Investigation of an in-line, non-destructive ultrasonic method to study flow and rheology of complex fluids

Ultrasound pulsed Doppler and ultrasound pulsed Doppler velocimetry (UPDV) imaging have been implemented to study the flow and rheological properties of complex fluids undergoing steady pressure driven tube flow. This in-line shear viscosity determination method relies upon obtaining steady state velocity profiles using UPDV and simultaneous pressure measurements. The shear rate is determined as a function of radius by differentiating the velocity profile and the conservation of linear momentum theory provides a relation between shear stress and radius that is independent of the constitutive relation. Each radial position gives a shear viscosity-shear rate data point where the shear viscosity is defined as shear stress divided by the shear rate at that radial position.
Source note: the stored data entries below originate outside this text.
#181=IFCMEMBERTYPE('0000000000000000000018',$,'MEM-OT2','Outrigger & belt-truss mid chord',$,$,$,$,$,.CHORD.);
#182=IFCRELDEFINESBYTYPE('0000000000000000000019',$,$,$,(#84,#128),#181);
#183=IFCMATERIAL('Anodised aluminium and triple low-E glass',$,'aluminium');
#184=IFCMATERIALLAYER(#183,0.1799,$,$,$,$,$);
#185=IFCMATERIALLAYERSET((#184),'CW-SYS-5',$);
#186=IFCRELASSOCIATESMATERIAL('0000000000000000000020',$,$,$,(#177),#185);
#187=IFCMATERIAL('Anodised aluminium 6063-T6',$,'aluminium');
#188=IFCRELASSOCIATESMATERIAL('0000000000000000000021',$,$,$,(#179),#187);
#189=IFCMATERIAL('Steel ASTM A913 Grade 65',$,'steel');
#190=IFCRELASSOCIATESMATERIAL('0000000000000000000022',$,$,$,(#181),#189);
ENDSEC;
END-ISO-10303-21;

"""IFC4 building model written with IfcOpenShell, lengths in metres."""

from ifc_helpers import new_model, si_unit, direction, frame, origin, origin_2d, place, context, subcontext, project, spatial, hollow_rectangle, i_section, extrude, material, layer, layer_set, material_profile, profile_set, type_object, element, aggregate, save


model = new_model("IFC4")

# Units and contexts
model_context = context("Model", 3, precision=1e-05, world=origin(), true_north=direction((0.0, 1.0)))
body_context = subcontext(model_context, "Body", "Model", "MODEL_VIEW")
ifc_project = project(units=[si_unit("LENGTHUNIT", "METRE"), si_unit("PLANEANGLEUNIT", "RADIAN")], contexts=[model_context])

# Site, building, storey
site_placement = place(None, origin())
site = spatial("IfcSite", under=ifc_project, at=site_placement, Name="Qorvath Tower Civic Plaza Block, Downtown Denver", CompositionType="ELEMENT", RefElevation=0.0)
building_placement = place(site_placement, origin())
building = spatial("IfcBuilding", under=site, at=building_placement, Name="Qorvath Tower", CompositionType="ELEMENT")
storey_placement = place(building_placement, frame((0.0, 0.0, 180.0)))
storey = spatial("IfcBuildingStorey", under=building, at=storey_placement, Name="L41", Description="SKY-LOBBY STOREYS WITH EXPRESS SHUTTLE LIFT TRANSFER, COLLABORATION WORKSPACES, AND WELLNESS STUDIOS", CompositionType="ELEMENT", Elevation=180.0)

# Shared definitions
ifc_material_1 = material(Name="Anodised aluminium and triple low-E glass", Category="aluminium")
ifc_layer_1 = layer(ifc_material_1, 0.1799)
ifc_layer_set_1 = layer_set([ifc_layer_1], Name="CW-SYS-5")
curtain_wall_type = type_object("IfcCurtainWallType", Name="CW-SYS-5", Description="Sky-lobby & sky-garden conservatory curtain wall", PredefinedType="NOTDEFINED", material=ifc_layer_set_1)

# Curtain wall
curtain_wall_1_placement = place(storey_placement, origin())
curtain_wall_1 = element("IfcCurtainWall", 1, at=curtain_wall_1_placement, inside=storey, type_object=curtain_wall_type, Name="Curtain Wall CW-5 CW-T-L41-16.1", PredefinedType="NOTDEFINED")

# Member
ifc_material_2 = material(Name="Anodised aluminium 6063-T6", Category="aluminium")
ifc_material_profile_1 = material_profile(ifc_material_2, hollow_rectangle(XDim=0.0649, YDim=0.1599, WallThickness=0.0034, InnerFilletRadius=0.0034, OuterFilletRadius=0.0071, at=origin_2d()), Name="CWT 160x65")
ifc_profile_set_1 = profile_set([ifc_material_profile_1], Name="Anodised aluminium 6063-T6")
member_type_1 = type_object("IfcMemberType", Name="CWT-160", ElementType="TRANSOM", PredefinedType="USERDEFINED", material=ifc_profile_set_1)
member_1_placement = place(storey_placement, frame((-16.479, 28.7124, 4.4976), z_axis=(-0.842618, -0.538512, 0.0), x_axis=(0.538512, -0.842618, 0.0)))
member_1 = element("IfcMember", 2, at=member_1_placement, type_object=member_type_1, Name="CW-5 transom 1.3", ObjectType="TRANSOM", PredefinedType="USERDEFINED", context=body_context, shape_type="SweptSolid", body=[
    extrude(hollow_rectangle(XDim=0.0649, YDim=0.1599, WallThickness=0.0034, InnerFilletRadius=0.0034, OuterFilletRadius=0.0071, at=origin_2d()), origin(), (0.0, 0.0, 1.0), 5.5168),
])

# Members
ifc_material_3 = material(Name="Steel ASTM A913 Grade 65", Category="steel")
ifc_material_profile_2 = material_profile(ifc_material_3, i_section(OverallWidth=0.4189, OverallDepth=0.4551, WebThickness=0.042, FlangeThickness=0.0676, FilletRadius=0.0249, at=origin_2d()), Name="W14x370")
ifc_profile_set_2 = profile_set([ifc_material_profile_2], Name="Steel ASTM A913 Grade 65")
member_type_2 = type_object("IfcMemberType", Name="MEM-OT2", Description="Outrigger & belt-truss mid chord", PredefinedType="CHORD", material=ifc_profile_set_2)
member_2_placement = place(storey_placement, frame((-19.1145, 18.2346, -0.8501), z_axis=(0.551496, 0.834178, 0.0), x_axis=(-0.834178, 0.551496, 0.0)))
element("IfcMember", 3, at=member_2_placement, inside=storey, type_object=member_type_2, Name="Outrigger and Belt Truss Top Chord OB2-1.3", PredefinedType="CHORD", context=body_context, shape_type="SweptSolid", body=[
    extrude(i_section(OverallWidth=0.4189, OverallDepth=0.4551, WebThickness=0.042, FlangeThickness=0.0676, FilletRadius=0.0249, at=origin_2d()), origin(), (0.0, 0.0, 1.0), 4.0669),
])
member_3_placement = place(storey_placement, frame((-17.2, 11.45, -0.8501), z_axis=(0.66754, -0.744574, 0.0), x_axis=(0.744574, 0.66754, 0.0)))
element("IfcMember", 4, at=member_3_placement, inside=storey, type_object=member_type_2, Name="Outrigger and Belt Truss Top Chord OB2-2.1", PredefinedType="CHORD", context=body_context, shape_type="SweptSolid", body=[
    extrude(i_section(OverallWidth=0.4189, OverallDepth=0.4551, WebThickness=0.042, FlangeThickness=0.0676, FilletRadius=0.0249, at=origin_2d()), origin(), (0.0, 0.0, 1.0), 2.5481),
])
Shear viscosity data obtained using the ultrasound pulsed Doppler velocimetry system for a wide range of complex fluids are compared with the results of conventional rheometers. The fluids studied are: Micro crystalline cellulose (MCC) gel, xanthan gum solution, modified and unmodified starch suspensions and gels, tomato concentrates, diced tomato particles in juice, hardwood and softwood paper pulp suspensions, polyacrylamide micro bead suspensions and a polymer melt. The rheological and flow properties of these fluids are investigated including studies of apparent wall slip phenomena and yield stress behavior. The standard deviation of shear viscosity data at low shear rates is determined by resolution of the velocity data. A design curve is generated to predict the deviation of the shear viscosity from the rotational rheometers at low shear rates. A method to study turbulent flows with an analysis of Doppler power and spectral broadening of frequency spectrum in ultrasound pulsed Doppler velocimetry measurements is described. The experimental results reveal that the discrepancies in Doppler power are observed for different fluids but the normalized spectral broadening index provides an indication of turbulence.